One of the less obvious but vital advantages of working directly with a maker like us is transparency around changes—whether that means process modifications, packaging upgrades, or responsive help when new standards appear. Distributors rarely share those details, preferring a single line on a certificate of analysis. We invite auditors on-site, provide sample retains, and offer full process documentation around every batch. Our technical support answers not just spec compliance, but shares tips for smoother blending, optimized storage, and process tweaks—because we’ve run those lines ourselves. Over time, customers come to recognize the value in this level of partnership. A flavor house, for example, streamlined its raw material inventory by relying on our predictions of stability and storage, freeing up capital and space while reducing discard rates.
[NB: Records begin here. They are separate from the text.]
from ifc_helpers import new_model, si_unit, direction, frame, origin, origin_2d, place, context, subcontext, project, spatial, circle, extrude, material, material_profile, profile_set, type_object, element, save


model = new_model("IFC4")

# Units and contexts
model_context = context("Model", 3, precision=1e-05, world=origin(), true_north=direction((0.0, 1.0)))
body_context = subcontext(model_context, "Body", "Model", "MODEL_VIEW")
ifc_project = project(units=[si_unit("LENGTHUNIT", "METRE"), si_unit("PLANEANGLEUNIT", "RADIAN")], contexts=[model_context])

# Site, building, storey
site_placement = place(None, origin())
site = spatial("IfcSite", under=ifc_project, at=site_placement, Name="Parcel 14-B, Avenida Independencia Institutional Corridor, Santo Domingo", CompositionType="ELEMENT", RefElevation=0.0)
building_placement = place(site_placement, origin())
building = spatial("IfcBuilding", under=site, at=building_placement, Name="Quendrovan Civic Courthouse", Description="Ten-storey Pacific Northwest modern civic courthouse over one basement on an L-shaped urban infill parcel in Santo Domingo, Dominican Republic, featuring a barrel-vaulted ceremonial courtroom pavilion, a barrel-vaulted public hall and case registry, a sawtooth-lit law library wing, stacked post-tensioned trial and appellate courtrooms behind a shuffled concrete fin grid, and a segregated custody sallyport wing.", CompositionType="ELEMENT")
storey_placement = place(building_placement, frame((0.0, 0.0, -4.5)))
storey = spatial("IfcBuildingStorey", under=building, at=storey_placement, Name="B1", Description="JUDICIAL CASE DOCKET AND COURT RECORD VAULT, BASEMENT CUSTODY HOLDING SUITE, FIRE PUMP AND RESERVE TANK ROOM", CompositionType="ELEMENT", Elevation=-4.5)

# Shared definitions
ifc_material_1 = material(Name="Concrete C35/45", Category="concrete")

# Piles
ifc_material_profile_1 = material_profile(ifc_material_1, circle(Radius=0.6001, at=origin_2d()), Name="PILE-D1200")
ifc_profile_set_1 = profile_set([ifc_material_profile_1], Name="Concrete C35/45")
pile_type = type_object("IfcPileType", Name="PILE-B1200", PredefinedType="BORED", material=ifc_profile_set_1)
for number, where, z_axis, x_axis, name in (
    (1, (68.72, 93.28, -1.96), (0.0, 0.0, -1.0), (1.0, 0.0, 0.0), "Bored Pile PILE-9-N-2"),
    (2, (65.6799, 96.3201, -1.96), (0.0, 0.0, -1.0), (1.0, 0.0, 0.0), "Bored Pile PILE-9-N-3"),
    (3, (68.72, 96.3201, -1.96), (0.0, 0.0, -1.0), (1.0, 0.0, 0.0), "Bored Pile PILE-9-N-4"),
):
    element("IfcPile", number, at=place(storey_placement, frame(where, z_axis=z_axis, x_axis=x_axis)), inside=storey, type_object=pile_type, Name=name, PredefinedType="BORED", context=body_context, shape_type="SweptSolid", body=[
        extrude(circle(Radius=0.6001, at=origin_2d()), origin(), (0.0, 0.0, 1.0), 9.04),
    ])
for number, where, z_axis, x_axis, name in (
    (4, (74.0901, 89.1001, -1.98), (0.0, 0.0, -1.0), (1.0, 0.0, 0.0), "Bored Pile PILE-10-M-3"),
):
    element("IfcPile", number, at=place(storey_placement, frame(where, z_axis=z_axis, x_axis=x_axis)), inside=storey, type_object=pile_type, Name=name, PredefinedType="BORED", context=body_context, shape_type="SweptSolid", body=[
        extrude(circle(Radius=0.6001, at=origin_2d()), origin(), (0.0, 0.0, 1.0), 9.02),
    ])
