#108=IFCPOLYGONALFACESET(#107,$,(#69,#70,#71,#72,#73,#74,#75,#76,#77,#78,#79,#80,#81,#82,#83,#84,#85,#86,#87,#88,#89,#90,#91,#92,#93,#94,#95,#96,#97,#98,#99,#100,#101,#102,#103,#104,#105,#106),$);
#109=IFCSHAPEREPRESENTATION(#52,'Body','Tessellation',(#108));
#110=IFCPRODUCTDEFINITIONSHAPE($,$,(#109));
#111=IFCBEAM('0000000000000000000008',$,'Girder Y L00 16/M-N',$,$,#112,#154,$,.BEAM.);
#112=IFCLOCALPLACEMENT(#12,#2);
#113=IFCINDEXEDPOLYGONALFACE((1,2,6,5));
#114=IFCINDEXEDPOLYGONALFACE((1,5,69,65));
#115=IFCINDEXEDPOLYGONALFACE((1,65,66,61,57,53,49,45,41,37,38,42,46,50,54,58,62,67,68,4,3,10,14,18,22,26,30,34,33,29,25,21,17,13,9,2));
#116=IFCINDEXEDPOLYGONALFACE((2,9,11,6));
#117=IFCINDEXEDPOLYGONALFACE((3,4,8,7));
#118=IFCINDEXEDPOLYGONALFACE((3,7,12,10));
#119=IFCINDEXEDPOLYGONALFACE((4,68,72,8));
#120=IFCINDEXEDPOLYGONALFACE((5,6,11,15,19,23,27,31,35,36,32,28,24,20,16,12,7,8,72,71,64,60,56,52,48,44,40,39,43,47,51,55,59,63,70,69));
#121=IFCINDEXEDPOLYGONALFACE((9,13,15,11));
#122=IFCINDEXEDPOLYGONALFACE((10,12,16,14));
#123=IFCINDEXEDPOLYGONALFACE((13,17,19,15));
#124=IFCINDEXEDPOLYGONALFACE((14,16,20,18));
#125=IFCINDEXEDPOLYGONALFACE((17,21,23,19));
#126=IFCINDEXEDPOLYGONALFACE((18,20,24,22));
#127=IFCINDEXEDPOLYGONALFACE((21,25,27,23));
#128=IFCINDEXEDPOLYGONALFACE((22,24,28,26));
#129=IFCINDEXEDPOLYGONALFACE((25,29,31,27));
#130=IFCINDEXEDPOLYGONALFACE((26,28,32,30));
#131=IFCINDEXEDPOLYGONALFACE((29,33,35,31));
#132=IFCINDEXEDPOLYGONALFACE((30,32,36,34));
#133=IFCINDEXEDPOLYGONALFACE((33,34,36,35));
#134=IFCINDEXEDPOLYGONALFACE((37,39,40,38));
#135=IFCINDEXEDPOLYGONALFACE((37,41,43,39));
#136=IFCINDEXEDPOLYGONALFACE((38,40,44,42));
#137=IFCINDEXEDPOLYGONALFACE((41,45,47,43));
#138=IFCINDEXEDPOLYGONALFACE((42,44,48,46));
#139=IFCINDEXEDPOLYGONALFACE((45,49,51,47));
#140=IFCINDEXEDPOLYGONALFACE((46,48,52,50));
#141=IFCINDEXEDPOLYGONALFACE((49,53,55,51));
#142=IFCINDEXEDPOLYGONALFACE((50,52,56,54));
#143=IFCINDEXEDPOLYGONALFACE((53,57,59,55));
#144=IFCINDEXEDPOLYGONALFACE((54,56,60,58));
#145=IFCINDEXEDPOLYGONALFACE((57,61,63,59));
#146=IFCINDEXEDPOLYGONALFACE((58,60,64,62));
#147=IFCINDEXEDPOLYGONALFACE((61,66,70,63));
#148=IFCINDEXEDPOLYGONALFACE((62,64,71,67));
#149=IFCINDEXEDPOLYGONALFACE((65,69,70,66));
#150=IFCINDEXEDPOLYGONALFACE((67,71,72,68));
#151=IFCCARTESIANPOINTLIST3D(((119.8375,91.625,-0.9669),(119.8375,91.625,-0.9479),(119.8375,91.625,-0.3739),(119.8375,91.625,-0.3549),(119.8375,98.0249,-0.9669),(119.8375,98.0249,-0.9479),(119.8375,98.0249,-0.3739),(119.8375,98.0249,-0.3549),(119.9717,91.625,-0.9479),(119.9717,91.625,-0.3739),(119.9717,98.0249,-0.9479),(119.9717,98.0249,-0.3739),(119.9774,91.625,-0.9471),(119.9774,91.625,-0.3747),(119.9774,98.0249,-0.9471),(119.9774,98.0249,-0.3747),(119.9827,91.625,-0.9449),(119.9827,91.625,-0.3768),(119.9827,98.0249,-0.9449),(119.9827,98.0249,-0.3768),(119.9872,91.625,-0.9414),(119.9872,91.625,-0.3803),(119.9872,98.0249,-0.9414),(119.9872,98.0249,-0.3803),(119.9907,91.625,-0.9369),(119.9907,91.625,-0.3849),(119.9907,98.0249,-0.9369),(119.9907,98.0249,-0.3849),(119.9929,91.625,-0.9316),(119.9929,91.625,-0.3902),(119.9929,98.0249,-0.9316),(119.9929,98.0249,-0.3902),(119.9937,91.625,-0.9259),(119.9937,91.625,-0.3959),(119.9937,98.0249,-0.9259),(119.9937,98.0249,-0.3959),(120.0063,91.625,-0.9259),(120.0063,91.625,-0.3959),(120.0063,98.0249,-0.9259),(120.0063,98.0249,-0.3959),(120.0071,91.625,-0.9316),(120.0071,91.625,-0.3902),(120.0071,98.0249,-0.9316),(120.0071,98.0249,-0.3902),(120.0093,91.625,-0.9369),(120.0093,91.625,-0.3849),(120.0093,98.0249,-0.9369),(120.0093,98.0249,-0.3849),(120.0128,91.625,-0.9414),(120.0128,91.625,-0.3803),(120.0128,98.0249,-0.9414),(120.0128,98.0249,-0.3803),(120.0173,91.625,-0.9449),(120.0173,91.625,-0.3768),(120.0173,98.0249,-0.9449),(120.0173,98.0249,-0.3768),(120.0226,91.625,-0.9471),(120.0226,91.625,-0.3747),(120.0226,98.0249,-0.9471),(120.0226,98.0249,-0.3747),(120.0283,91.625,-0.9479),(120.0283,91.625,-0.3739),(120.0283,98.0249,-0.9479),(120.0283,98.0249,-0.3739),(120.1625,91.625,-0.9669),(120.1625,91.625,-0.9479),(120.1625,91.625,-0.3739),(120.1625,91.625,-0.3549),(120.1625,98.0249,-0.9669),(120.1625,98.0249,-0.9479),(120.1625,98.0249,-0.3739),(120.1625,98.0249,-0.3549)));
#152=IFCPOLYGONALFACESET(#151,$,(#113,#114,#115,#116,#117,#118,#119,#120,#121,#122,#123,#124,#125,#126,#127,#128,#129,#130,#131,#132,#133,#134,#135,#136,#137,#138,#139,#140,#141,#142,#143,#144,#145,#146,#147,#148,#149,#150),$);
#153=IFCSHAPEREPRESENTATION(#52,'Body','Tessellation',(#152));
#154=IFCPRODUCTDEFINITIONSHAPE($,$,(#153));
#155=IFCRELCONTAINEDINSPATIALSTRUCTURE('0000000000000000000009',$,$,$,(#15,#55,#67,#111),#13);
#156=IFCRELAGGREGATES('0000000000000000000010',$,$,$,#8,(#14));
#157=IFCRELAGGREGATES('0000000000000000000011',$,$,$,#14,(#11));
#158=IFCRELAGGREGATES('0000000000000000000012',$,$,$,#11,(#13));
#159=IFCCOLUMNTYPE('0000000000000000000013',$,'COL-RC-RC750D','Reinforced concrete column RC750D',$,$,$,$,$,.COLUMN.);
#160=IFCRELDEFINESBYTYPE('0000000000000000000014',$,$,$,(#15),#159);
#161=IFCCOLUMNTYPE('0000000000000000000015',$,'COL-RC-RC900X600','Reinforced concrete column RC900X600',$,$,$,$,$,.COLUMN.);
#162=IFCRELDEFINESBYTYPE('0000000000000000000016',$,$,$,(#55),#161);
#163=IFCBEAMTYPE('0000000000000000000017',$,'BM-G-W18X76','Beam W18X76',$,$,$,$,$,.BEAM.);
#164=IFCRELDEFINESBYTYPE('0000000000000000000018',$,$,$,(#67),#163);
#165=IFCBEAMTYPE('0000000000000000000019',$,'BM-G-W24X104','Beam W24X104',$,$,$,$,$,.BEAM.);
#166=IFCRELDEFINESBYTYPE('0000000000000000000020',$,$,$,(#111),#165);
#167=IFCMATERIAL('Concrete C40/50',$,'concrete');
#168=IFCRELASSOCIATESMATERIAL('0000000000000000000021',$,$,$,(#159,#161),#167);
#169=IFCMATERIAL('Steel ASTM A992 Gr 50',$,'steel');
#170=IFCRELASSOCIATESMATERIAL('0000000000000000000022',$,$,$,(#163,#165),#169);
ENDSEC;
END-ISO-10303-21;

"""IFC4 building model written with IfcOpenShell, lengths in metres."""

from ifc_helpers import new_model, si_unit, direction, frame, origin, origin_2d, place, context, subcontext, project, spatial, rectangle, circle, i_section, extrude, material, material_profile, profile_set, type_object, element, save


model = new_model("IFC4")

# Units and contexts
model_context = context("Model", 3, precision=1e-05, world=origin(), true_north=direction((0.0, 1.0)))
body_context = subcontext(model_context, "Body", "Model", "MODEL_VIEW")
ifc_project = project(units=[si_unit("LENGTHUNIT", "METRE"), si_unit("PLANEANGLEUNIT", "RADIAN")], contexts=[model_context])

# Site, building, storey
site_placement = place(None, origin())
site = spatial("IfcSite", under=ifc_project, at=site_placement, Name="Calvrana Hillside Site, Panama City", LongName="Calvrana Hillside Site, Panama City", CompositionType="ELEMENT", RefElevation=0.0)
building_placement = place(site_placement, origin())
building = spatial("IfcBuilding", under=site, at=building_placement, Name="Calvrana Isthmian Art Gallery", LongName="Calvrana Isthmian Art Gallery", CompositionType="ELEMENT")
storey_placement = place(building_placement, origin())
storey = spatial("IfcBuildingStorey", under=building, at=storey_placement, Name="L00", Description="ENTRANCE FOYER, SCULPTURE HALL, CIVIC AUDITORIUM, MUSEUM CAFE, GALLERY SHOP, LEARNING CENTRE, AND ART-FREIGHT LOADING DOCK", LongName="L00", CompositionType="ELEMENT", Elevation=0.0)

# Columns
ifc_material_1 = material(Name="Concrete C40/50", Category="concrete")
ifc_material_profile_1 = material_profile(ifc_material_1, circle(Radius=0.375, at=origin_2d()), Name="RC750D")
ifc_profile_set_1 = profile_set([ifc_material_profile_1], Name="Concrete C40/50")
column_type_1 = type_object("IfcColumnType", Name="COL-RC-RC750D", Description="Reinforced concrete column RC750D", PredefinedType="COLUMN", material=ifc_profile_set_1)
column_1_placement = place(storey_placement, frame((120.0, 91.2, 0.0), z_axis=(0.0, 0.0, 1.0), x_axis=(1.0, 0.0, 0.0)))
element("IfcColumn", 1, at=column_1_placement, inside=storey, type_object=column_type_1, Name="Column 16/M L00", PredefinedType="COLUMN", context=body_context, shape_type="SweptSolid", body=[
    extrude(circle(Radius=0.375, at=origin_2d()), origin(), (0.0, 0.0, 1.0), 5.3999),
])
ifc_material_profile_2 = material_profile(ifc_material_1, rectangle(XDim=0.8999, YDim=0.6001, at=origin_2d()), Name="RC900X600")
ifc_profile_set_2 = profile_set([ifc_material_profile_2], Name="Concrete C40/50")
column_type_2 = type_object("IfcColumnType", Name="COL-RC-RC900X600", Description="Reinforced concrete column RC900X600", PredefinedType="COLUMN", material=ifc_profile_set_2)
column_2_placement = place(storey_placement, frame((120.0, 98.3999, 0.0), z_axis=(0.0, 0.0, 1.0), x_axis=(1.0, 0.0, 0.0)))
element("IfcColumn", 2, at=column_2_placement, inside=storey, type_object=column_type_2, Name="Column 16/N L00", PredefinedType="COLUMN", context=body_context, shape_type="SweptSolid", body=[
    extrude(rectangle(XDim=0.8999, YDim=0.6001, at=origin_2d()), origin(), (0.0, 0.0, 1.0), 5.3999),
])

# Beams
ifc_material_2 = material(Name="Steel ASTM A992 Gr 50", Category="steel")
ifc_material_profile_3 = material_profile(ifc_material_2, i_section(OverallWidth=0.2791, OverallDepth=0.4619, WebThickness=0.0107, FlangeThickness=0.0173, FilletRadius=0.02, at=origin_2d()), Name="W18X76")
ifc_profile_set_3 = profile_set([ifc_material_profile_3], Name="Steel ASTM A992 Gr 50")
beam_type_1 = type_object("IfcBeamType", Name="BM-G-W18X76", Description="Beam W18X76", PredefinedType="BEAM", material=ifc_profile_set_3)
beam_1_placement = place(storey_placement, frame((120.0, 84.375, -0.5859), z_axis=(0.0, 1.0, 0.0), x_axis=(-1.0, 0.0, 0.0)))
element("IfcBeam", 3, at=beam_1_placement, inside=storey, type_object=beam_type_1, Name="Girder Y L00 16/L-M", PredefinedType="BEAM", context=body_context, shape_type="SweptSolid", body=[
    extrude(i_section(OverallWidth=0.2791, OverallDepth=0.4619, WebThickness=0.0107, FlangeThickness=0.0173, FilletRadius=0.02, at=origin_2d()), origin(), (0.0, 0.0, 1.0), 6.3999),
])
Feedback remains a major driver for how we refine both product and process. Our engineering crew spends hours in customer facilities, not just our own labs. As an example, concerns arose from beverage manufacturers about undissolved micro-particles during rapid batch filling—a byproduct of specific filtration settings that worked for one industry but not for another. Collaboration helped us revise filtration media and upgrade to a finer fraction of DRB-72, improving solubility under both hot and cold fill conditions.
In personal care, formulators demanded a neutral profile without any off-odors. Through joint testing, we found minor volatiles carried through from legacy process tanks. Investment in high-vacuum post-processing and regular tank relining eliminated these trace contaminants. Working closely with the end-user isn’t just an add-on—it’s part of the core process for building a genuinely useful specialty acid.
Manufacturing chemicals like Diacetyl Rhubarb Acid puts us in a position of responsibility. The decisions made at every stage—from raw material selection to shipping protocol—shape not only what goes out the door, but also how efficiently and safely our partners can build, create, and innovate. Every suggestion from a plant engineer, every deviation flagged by an operator, is rolled back into our cycle of improvement.
In nearly two decades of manufacturing specialty acids, we’ve seen the entire landscape change. Standards tighten, markets globalize, customers demand more than a name on a barrel. Responding to these demands, we keep open lines of communication, rigorous in-line testing, and a continual flow of technical data with our partners. We don’t see Diacetyl Rhubarb Acid as a mere commodity but as a platform for building better, more consistent, and innovative outcomes for every user who counts on it.